Tous les travailleurs belges ont donc payé ces infrastructures avec leurs factures, dont les bénéfices vont maintenant uniquement à Engie.
Electrabel est devenue la « vache à lait » de la multinationale. On estime qu’elle lui a rapporté 15 milliards depuis 1998 et sa prise de contrôle de la majorité du capital de l’énergéticien belge. La quasi-totalité de ces profits a été reversée en dividendes.

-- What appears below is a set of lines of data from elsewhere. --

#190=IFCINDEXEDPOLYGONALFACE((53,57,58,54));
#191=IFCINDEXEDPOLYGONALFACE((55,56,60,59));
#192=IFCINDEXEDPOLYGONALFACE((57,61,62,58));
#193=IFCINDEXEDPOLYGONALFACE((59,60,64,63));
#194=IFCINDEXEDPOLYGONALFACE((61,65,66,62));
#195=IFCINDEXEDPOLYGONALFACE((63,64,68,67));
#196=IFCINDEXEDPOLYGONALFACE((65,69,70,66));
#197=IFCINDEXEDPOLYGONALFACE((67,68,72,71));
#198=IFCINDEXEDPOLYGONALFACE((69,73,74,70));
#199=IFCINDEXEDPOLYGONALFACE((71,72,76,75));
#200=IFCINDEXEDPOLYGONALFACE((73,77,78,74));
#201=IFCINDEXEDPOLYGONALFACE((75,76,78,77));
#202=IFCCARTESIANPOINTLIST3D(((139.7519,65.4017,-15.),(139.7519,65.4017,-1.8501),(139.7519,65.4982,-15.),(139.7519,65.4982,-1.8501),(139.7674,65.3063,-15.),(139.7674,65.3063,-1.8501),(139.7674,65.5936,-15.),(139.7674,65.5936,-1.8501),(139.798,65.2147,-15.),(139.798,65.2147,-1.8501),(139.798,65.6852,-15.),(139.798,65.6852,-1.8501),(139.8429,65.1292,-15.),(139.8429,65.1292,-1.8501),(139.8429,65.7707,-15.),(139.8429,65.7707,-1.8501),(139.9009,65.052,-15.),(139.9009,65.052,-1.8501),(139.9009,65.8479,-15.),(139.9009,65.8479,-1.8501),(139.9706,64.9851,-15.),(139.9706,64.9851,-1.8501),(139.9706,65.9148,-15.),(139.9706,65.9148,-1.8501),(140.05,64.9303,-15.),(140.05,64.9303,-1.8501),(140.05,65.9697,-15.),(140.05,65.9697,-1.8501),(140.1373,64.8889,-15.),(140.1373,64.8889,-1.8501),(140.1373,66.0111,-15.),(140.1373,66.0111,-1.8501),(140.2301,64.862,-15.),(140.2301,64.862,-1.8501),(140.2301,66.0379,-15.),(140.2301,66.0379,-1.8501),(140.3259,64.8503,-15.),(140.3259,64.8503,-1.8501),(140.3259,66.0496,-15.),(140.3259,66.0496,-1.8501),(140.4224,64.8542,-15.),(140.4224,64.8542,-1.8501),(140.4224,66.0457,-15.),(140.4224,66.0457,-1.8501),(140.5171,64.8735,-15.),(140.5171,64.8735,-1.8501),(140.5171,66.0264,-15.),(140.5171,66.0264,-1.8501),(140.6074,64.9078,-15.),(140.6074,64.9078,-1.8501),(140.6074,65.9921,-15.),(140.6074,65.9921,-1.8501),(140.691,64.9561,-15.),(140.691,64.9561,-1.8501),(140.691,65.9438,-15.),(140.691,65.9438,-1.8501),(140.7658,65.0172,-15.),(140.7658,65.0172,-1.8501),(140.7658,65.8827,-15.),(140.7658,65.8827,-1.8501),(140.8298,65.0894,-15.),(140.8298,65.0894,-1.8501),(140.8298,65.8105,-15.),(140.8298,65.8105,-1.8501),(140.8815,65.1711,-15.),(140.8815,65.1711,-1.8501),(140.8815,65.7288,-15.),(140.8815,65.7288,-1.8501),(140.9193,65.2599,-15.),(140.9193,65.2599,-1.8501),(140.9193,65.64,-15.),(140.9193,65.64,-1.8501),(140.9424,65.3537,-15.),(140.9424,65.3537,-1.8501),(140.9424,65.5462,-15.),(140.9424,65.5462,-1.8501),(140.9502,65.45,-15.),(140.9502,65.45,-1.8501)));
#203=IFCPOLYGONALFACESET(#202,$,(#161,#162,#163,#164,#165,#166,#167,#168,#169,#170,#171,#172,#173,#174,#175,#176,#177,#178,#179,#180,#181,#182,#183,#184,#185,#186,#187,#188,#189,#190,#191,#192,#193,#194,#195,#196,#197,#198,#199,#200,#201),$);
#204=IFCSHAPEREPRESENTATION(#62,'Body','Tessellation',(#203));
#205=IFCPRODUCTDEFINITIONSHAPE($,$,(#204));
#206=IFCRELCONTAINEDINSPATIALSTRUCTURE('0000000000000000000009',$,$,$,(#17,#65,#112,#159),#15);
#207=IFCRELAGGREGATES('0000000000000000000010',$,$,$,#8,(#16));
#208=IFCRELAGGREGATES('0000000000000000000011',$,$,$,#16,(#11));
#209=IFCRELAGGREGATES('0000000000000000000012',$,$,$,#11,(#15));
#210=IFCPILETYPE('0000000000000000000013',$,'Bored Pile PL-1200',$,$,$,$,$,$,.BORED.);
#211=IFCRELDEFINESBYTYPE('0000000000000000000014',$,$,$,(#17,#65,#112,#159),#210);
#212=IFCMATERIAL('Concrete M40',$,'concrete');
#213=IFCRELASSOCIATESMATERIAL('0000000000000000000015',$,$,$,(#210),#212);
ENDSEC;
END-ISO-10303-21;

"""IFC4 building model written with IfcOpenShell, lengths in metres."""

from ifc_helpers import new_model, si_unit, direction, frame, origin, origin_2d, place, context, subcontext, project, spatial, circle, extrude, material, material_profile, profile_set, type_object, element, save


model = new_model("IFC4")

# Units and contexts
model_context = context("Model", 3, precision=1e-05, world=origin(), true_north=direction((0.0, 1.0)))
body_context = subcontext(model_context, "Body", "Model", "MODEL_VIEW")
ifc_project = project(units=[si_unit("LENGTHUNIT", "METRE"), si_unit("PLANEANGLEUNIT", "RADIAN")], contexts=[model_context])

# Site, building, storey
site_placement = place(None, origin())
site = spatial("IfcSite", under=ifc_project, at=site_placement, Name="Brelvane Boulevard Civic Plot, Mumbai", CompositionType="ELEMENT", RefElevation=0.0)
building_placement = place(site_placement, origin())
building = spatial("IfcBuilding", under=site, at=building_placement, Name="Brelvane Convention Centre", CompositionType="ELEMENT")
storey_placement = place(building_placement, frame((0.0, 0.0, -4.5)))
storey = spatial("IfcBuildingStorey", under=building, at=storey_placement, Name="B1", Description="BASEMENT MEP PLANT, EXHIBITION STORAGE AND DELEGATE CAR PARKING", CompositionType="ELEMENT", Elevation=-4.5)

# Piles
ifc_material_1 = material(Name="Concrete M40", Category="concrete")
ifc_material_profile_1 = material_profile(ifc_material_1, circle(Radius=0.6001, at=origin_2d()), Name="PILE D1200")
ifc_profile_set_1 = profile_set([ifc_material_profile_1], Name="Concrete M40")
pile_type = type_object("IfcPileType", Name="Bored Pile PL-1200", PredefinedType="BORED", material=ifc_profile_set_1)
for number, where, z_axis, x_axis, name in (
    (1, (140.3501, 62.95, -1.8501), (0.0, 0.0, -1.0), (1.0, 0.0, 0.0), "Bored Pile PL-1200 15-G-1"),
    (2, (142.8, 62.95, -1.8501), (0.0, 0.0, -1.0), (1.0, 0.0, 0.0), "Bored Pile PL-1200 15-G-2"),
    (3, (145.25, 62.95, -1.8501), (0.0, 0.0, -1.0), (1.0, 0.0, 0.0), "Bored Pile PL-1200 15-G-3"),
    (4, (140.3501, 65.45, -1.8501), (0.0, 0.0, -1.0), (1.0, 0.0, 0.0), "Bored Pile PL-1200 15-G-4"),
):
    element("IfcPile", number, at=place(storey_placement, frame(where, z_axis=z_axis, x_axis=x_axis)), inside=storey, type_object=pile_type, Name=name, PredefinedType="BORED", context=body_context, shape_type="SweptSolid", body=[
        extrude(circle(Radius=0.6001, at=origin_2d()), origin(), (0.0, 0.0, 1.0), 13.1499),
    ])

Ce pouvoir économique donne à Engie un pouvoir politique. Vu sa position dominante, elle négocie « dans un fauteuil » avec les autorités belges, que ce soit en menaçant de nous couper le courant ou en installant ses représentants dans les cabinets ministériels. Ainsi, Engie tire profit de toutes les décisions prises en matière d’énergie en Belgique. Depuis la fin des années ’90, l’objectif affirmé des gouvernements fédéraux successifs était de fermer les centrales nucléaires et de les remplacer par de l’énergie renouvelable. En 2003, une loi a même été votée puis adaptée et confirmée en 2015, avec un arrêt programmé de tous les réacteurs d’ici 2025. Engie en a profité pour obtenir de généreux subsides en vue de développer la production d’électricité éolienne ou solaire. Mais aussi de conserver et même construire de nouvelles centrales au gaz aux frais du contribuable, car ces centrales devaient assurer notre équilibre énergétique à la suite de la fermeture des centrales nucléaires, le temps de disposer de suffisamment d’électricité verte.